Steinhart makes amazing homage and historical pieces, and also some wonderful original designs at very affordable pricing. While their Premium and/or Limited Editions are priced around the entry level starting point of the vast majority of H2O/Helberg models.

H2O/Helberg creates amazing, cutting edge original designs that push the edge of the envelope in the depth of WR, exotic materials and metallurgy, and end user customization.
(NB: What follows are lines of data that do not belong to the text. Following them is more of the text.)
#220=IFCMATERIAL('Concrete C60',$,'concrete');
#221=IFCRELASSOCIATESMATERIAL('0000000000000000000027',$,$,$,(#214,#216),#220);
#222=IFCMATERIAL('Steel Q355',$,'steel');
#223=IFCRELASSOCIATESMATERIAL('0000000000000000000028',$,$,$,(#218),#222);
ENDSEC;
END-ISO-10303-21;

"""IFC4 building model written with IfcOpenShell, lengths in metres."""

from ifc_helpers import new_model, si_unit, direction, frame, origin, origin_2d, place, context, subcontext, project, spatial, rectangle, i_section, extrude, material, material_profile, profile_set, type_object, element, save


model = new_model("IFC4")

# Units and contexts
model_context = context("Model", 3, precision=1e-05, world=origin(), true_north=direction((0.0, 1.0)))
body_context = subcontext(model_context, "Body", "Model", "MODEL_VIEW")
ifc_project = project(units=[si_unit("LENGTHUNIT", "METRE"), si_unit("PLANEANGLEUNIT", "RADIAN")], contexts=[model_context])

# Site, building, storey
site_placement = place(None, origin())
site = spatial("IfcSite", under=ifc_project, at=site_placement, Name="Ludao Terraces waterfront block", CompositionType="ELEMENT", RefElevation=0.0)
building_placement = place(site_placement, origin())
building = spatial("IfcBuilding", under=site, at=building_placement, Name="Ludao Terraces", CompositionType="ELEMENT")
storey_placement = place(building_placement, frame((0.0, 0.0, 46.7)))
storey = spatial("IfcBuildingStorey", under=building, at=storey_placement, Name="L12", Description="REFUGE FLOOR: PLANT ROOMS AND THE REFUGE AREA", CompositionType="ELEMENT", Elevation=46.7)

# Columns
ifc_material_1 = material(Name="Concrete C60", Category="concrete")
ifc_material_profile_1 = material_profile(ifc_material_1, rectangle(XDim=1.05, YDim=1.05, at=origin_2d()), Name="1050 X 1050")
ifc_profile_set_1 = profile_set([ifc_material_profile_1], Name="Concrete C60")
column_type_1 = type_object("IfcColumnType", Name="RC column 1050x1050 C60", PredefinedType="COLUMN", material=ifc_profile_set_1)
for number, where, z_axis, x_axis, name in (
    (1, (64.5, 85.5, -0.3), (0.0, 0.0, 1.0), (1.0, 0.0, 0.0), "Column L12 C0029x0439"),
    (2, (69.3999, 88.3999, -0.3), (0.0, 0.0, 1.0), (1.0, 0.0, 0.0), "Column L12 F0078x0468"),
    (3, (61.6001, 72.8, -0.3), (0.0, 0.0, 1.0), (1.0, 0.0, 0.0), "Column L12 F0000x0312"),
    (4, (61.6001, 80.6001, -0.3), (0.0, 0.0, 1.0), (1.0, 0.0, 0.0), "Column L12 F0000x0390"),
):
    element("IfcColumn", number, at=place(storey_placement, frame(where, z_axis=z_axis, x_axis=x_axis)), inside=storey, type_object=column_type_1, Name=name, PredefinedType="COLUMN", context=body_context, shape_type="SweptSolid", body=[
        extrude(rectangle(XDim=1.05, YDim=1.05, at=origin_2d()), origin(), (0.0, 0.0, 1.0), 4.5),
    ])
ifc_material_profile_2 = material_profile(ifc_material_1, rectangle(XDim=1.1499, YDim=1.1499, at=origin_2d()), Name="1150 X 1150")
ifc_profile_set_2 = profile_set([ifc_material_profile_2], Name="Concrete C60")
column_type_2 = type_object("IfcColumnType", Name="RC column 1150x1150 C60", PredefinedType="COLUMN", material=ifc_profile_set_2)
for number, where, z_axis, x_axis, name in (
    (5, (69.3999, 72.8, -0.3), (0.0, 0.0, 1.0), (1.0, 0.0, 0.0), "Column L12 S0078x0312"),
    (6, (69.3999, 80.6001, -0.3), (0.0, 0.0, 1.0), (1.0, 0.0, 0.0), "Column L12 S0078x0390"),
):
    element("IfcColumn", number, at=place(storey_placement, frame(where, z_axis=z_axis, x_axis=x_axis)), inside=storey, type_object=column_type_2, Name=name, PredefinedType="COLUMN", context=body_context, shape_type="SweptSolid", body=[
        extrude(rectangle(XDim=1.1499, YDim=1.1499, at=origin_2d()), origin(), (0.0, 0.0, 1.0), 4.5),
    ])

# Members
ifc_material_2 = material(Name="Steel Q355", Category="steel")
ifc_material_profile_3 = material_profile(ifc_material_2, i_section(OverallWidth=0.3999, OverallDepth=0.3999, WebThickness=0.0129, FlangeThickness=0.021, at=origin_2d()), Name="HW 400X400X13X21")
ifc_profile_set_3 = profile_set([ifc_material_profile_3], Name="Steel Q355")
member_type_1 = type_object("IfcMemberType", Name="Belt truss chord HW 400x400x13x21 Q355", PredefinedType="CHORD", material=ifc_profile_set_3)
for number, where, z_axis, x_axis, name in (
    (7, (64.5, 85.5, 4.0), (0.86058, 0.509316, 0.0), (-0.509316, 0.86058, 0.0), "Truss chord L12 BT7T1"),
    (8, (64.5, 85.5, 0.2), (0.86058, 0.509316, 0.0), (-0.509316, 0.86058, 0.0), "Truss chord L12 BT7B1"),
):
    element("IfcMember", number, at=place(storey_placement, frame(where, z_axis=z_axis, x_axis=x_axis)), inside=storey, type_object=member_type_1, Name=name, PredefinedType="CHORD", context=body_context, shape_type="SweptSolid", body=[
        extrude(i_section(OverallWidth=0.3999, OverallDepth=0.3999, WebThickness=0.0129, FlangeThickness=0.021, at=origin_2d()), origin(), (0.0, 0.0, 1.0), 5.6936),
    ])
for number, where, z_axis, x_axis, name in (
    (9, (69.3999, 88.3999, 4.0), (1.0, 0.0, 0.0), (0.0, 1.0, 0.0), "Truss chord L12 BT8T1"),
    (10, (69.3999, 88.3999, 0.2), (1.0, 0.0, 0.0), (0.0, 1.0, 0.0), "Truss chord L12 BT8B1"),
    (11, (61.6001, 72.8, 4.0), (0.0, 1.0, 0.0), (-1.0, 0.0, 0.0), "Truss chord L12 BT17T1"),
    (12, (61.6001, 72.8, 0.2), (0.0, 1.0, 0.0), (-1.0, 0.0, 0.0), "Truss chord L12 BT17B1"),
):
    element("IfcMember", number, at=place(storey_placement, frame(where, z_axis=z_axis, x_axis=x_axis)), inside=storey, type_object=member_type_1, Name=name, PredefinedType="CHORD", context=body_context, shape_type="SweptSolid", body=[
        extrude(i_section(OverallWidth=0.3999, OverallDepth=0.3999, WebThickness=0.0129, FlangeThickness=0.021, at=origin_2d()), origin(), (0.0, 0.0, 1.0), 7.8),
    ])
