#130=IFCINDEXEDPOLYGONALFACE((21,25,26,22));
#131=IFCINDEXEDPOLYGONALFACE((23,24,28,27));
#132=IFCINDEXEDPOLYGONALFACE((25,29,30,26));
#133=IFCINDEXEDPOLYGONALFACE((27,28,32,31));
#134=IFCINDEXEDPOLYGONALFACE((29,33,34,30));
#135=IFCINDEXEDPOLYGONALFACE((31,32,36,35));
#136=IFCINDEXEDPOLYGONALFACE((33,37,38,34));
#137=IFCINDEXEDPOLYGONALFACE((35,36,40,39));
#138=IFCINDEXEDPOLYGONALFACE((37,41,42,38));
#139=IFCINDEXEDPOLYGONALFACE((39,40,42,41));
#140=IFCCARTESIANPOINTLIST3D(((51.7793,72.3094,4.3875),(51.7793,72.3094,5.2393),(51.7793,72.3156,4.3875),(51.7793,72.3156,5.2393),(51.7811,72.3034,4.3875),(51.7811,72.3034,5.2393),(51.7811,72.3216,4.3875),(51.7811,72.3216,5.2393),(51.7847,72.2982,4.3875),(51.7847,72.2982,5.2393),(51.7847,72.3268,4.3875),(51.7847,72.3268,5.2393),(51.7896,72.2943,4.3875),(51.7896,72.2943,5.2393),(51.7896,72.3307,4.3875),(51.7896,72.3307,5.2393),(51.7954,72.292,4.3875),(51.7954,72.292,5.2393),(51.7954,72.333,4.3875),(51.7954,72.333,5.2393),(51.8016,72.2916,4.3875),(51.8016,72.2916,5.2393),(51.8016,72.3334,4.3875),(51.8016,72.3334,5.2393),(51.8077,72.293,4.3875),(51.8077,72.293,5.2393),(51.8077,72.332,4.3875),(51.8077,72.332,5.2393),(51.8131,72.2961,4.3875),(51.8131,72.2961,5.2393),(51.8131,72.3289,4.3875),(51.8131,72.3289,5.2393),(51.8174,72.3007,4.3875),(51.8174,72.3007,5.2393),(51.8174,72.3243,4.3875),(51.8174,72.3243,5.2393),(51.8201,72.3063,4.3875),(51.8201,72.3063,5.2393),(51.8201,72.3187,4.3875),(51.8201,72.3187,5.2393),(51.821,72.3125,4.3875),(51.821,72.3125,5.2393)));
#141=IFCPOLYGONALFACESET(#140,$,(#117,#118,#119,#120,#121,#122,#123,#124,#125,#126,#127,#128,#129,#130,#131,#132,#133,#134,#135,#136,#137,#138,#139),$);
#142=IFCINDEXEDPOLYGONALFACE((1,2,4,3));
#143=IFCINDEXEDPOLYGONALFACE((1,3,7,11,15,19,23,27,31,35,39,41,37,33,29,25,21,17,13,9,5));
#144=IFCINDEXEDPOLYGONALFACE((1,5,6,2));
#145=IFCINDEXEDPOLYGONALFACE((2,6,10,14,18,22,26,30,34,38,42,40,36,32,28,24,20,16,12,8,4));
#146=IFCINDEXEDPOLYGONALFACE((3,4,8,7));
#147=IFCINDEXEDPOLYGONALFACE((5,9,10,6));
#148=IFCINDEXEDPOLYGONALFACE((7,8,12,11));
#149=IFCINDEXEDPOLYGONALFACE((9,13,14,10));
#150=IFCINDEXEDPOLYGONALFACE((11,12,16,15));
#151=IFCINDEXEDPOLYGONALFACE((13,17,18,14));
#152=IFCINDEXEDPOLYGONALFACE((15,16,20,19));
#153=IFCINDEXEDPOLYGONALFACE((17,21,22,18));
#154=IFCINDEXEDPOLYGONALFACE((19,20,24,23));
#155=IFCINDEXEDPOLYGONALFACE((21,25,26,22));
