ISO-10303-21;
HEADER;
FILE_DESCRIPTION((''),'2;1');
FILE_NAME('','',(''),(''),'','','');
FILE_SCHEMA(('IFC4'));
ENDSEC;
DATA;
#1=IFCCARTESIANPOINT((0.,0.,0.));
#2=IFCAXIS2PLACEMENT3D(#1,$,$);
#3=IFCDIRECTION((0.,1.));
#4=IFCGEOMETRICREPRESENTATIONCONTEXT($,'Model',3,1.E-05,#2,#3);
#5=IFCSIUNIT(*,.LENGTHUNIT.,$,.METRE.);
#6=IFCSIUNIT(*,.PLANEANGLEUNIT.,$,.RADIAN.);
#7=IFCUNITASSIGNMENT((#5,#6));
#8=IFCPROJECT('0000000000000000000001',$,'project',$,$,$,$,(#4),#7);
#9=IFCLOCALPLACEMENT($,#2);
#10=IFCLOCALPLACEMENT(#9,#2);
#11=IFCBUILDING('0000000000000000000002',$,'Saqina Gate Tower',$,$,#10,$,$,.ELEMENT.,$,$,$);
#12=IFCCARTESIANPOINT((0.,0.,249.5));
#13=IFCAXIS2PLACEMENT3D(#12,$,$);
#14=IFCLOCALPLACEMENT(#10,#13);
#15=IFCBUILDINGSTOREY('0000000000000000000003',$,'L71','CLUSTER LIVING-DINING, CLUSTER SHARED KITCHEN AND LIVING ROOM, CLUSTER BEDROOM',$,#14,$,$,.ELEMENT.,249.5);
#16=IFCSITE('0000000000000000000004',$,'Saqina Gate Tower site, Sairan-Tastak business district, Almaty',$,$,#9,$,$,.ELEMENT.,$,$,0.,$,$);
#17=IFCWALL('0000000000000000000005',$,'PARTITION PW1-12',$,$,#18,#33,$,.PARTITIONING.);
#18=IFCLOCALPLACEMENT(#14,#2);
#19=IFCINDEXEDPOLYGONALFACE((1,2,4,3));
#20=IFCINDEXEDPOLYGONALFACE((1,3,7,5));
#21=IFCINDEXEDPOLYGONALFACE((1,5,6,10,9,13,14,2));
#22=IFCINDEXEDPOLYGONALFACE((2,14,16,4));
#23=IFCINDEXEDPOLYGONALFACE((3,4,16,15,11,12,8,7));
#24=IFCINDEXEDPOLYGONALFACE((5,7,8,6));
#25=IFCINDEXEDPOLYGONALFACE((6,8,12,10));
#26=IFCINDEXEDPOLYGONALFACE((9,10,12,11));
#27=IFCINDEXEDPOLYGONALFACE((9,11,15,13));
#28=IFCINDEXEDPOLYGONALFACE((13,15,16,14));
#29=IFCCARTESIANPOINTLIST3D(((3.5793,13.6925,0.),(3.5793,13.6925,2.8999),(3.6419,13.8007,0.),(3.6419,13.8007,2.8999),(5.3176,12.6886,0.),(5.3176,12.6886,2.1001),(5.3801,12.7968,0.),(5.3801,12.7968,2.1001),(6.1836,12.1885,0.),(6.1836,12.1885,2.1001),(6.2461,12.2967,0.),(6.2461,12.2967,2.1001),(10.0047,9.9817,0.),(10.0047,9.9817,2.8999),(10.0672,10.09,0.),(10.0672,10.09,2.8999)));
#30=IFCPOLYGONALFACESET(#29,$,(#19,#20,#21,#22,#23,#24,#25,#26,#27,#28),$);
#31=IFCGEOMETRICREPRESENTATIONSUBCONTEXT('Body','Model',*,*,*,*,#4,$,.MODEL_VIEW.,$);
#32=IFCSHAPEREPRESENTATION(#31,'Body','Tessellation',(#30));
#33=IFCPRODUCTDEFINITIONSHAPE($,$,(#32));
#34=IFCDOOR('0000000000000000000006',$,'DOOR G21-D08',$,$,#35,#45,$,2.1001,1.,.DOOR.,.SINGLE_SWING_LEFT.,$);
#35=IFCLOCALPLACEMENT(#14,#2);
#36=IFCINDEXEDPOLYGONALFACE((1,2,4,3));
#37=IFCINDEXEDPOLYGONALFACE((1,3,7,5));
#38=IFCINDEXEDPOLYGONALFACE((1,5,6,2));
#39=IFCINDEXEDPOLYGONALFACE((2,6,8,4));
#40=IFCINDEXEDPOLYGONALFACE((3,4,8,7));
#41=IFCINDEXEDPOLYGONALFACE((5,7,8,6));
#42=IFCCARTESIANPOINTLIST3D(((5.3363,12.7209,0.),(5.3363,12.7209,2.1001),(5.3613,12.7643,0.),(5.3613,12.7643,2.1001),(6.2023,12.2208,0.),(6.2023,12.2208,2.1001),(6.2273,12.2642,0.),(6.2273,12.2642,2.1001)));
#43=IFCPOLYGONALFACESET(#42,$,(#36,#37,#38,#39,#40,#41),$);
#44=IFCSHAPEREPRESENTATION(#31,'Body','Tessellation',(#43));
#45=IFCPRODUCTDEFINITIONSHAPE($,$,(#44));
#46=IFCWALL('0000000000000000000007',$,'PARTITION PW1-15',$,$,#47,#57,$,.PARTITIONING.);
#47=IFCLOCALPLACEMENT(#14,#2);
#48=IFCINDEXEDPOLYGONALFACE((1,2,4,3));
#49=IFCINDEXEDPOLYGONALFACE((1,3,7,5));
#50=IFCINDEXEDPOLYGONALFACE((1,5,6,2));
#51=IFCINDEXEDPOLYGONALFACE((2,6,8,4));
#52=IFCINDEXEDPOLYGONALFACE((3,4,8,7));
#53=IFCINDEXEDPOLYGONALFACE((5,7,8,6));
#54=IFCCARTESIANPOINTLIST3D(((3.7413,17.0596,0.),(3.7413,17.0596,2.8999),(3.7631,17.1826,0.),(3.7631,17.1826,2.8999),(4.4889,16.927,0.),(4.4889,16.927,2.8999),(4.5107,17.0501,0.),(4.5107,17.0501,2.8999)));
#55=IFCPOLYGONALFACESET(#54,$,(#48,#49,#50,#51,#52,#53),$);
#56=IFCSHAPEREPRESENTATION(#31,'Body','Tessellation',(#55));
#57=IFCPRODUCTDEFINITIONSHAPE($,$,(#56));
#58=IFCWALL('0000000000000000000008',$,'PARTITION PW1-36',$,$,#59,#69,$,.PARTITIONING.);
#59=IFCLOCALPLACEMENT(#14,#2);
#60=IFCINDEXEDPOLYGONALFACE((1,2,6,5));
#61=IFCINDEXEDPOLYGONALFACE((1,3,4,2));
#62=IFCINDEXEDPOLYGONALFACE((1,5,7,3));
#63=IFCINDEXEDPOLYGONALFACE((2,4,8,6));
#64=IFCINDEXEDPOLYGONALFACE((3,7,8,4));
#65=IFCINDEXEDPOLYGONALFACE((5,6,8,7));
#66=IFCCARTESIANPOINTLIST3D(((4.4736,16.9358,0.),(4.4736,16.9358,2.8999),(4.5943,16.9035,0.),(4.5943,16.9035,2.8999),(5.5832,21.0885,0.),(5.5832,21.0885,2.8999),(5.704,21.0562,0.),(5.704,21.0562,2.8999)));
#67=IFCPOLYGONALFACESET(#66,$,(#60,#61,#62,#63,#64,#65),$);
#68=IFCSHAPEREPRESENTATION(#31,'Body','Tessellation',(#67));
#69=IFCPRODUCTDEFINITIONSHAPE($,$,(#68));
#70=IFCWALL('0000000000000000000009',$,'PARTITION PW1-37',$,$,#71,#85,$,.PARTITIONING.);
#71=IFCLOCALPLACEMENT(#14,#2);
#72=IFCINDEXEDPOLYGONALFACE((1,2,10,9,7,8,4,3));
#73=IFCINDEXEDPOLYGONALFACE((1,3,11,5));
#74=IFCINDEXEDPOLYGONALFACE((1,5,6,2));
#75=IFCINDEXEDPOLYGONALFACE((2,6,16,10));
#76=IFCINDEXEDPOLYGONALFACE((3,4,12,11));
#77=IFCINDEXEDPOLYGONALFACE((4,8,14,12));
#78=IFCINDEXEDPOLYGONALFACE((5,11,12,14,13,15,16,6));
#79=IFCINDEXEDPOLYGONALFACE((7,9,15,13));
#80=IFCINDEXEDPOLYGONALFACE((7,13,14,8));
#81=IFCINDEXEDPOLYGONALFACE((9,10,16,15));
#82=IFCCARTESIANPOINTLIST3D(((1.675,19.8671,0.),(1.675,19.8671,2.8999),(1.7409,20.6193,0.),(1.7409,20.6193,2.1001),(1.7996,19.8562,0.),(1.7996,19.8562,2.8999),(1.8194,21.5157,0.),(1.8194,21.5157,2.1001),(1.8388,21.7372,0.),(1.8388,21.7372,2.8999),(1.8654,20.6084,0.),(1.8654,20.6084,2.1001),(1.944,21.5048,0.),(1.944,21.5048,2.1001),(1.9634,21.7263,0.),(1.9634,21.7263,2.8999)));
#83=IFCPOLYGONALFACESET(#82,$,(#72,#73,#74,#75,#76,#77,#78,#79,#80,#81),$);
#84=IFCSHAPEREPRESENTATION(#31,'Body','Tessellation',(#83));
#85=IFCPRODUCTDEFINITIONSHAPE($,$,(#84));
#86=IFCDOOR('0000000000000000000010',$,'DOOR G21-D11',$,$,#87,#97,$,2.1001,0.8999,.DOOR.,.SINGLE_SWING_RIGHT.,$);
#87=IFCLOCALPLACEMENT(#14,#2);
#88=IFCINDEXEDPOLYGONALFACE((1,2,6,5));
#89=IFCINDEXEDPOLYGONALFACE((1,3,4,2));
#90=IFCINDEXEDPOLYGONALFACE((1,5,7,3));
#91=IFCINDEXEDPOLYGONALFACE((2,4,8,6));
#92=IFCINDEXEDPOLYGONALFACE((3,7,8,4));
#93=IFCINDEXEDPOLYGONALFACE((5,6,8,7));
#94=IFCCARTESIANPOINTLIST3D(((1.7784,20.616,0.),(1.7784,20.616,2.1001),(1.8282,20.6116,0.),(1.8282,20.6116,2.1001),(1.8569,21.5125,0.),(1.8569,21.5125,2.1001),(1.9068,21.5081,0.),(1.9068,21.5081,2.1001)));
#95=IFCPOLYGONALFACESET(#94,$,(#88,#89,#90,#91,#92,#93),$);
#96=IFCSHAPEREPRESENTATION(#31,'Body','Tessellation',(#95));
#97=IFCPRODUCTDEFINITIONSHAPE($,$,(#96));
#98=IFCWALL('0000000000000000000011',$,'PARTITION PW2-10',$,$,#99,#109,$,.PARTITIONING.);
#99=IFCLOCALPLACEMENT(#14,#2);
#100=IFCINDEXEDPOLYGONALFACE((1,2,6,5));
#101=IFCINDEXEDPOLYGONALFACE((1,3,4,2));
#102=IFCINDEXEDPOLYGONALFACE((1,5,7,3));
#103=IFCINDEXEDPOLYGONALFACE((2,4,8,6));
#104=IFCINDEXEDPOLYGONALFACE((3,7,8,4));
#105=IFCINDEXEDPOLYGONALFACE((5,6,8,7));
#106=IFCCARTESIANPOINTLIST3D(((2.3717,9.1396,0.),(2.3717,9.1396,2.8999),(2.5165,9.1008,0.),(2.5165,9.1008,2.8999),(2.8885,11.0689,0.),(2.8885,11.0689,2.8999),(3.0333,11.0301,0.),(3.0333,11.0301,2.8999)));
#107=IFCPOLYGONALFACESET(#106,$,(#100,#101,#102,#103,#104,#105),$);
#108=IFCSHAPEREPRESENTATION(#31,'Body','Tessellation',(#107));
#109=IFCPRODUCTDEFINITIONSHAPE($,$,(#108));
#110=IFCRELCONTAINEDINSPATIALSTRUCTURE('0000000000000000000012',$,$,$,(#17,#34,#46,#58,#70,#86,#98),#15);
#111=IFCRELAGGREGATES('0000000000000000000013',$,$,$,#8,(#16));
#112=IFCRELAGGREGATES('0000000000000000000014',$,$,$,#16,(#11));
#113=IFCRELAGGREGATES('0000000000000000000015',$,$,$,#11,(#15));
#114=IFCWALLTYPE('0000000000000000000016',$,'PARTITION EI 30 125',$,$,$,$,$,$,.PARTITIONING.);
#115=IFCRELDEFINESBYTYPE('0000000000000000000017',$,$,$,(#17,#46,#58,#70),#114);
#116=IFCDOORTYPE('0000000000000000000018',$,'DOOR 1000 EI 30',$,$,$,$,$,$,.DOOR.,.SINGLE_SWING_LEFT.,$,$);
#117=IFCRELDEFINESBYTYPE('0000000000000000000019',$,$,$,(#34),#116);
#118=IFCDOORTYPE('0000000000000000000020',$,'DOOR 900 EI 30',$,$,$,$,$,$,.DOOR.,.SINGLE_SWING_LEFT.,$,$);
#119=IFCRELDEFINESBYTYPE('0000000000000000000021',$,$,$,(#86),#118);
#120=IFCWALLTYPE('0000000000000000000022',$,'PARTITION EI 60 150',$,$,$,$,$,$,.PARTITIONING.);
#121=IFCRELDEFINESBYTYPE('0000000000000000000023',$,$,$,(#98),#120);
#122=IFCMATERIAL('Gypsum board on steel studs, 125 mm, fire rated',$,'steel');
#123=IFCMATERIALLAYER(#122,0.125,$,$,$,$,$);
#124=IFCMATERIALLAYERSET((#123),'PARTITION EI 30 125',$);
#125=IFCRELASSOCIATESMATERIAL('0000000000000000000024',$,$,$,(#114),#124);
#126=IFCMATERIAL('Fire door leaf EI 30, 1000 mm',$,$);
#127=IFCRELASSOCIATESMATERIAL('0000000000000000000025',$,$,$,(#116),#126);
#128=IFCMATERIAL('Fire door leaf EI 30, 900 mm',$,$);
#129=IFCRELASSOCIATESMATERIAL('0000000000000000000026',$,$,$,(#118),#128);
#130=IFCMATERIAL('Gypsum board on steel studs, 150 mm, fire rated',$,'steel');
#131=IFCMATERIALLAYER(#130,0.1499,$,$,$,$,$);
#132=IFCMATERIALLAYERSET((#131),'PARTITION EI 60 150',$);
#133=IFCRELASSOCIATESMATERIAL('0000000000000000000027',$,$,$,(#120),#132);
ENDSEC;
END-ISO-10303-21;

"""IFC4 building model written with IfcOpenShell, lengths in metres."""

from ifc_helpers import new_model, si_unit, direction, frame, frame_2d, origin, place, context, subcontext, project, spatial, rectangle, extrude, material, layer, layer_set, type_object, element, fill, save


model = new_model("IFC4")

# Units and contexts
model_context = context("Model", 3, precision=1e-05, world=origin(), true_north=direction((0.0, 1.0)))
body_context = subcontext(model_context, "Body", "Model", "MODEL_VIEW")
ifc_project = project(units=[si_unit("LENGTHUNIT", "METRE"), si_unit("PLANEANGLEUNIT", "RADIAN")], contexts=[model_context])

# Site, building, storey
site_placement = place(None, origin())
site = spatial("IfcSite", under=ifc_project, at=site_placement, Name="Saqina Gate Tower site, Sairan-Tastak business district, Almaty", CompositionType="ELEMENT", RefElevation=0.0)
building_placement = place(site_placement, origin())
building = spatial("IfcBuilding", under=site, at=building_placement, Name="Saqina Gate Tower", CompositionType="ELEMENT")
storey_placement = place(building_placement, frame((0.0, 0.0, 249.5)))
storey = spatial("IfcBuildingStorey", under=building, at=storey_placement, Name="L71", Description="CLUSTER LIVING-DINING, CLUSTER SHARED KITCHEN AND LIVING ROOM, CLUSTER BEDROOM", CompositionType="ELEMENT", Elevation=249.5)

# Wall, opening, door
ifc_material_1 = material(Name="Gypsum board on steel studs, 125 mm, fire rated", Category="steel")
ifc_layer_1 = layer(ifc_material_1, 0.125)
ifc_layer_set_1 = layer_set([ifc_layer_1], Name="PARTITION EI 30 125")
wall_type_1 = type_object("IfcWallType", Name="PARTITION EI 30 125", PredefinedType="PARTITIONING", material=ifc_layer_set_1)
ifc_material_2 = material(Name="Fire door leaf EI 30, 1000 mm")
door_type_1 = type_object("IfcDoorType", Name="DOOR 1000 EI 30", OperationType="SINGLE_SWING_LEFT", PredefinedType="DOOR", material=ifc_material_2)
wall_1_placement = place(storey_placement, frame((3.6106, 13.7466, 0.0), z_axis=(0.0, 0.0, 1.0), x_axis=(0.865964, -0.500106, 0.0)))
wall_1 = element("IfcWall", 1, at=wall_1_placement, inside=storey, type_object=wall_type_1, Name="PARTITION PW1-12", PredefinedType="PARTITIONING", context=body_context, shape_type="SweptSolid", body=[
    extrude(rectangle(XDim=7.4199, YDim=0.125, at=frame_2d((3.71, 0.0))), origin(), (0.0, 0.0, 1.0), 2.8999),
])
opening_1_placement = place(wall_1_placement, frame((2.0073, 0.0, 0.0)))
opening_1 = element("IfcOpeningElement", 2, at=opening_1_placement, cuts=wall_1, PredefinedType="OPENING", context=body_context, shape_type="SweptSolid", body=[
    extrude(rectangle(XDim=1.0, YDim=2.1001, at=frame_2d((0.5, 1.05))), frame((0.0, 0.0745, 0.0), z_axis=(0.0, -1.0, 0.0), x_axis=(1.0, 0.0, 0.0)), (0.0, 0.0, 1.0), 0.1489),
])
door_1_placement = place(opening_1_placement, origin())
door_1 = element("IfcDoor", 3, at=door_1_placement, inside=storey, type_object=door_type_1, Name="DOOR G21-D08", OperationType="SINGLE_SWING_LEFT", OverallHeight=2.1001, OverallWidth=1.0, PredefinedType="DOOR", context=body_context, shape_type="SweptSolid", body=[
    extrude(rectangle(XDim=1.0, YDim=2.1001, at=frame_2d((0.5, 1.05))), frame((0.0, 0.0249, 0.0), z_axis=(0.0, -1.0, 0.0), x_axis=(1.0, 0.0, 0.0)), (0.0, 0.0, 1.0), 0.05),
])
fill(opening_1, door_1)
Both brands offer a tremendous amount of quality and value vs. price, but as you see they are in different categories in style and price point.


----------



## MrDagon007

For a similar price, the big Swiss brands can only compete on quality and finish when going through grey market liquidations.
Today I saw a new vintage looking Tissot with the unitas movement. It is like 50% more expensive than the similarly equipped Steinhart Military which is actually more special feeling.
On the other hand at black friday I bought a manual wind Hamilton field watch (with the handwind variant of the 2824) for $295 from a well known black friday dealer. Now it is more expensive: 
http://www.ashford.com/us/browse/productDetailSingleSku.jsp?productId=H69519133&categoryId=cat470133
That one at the promotion price could compete favourably on quality/price with Steinhart, would be more difficult at list price.


----------



## sefrcoko

JSal said:


> O
> 
> I think you misunderstood my statement. I didn't say that Steinhart was the very best watch made. I said they were the very best when Factoring in the features I mentioned vs. Cost.
> 
> If you go back and look at my original post (#20 in this thread) I said the following...
> 
> Now that you see the above I believe we both agree.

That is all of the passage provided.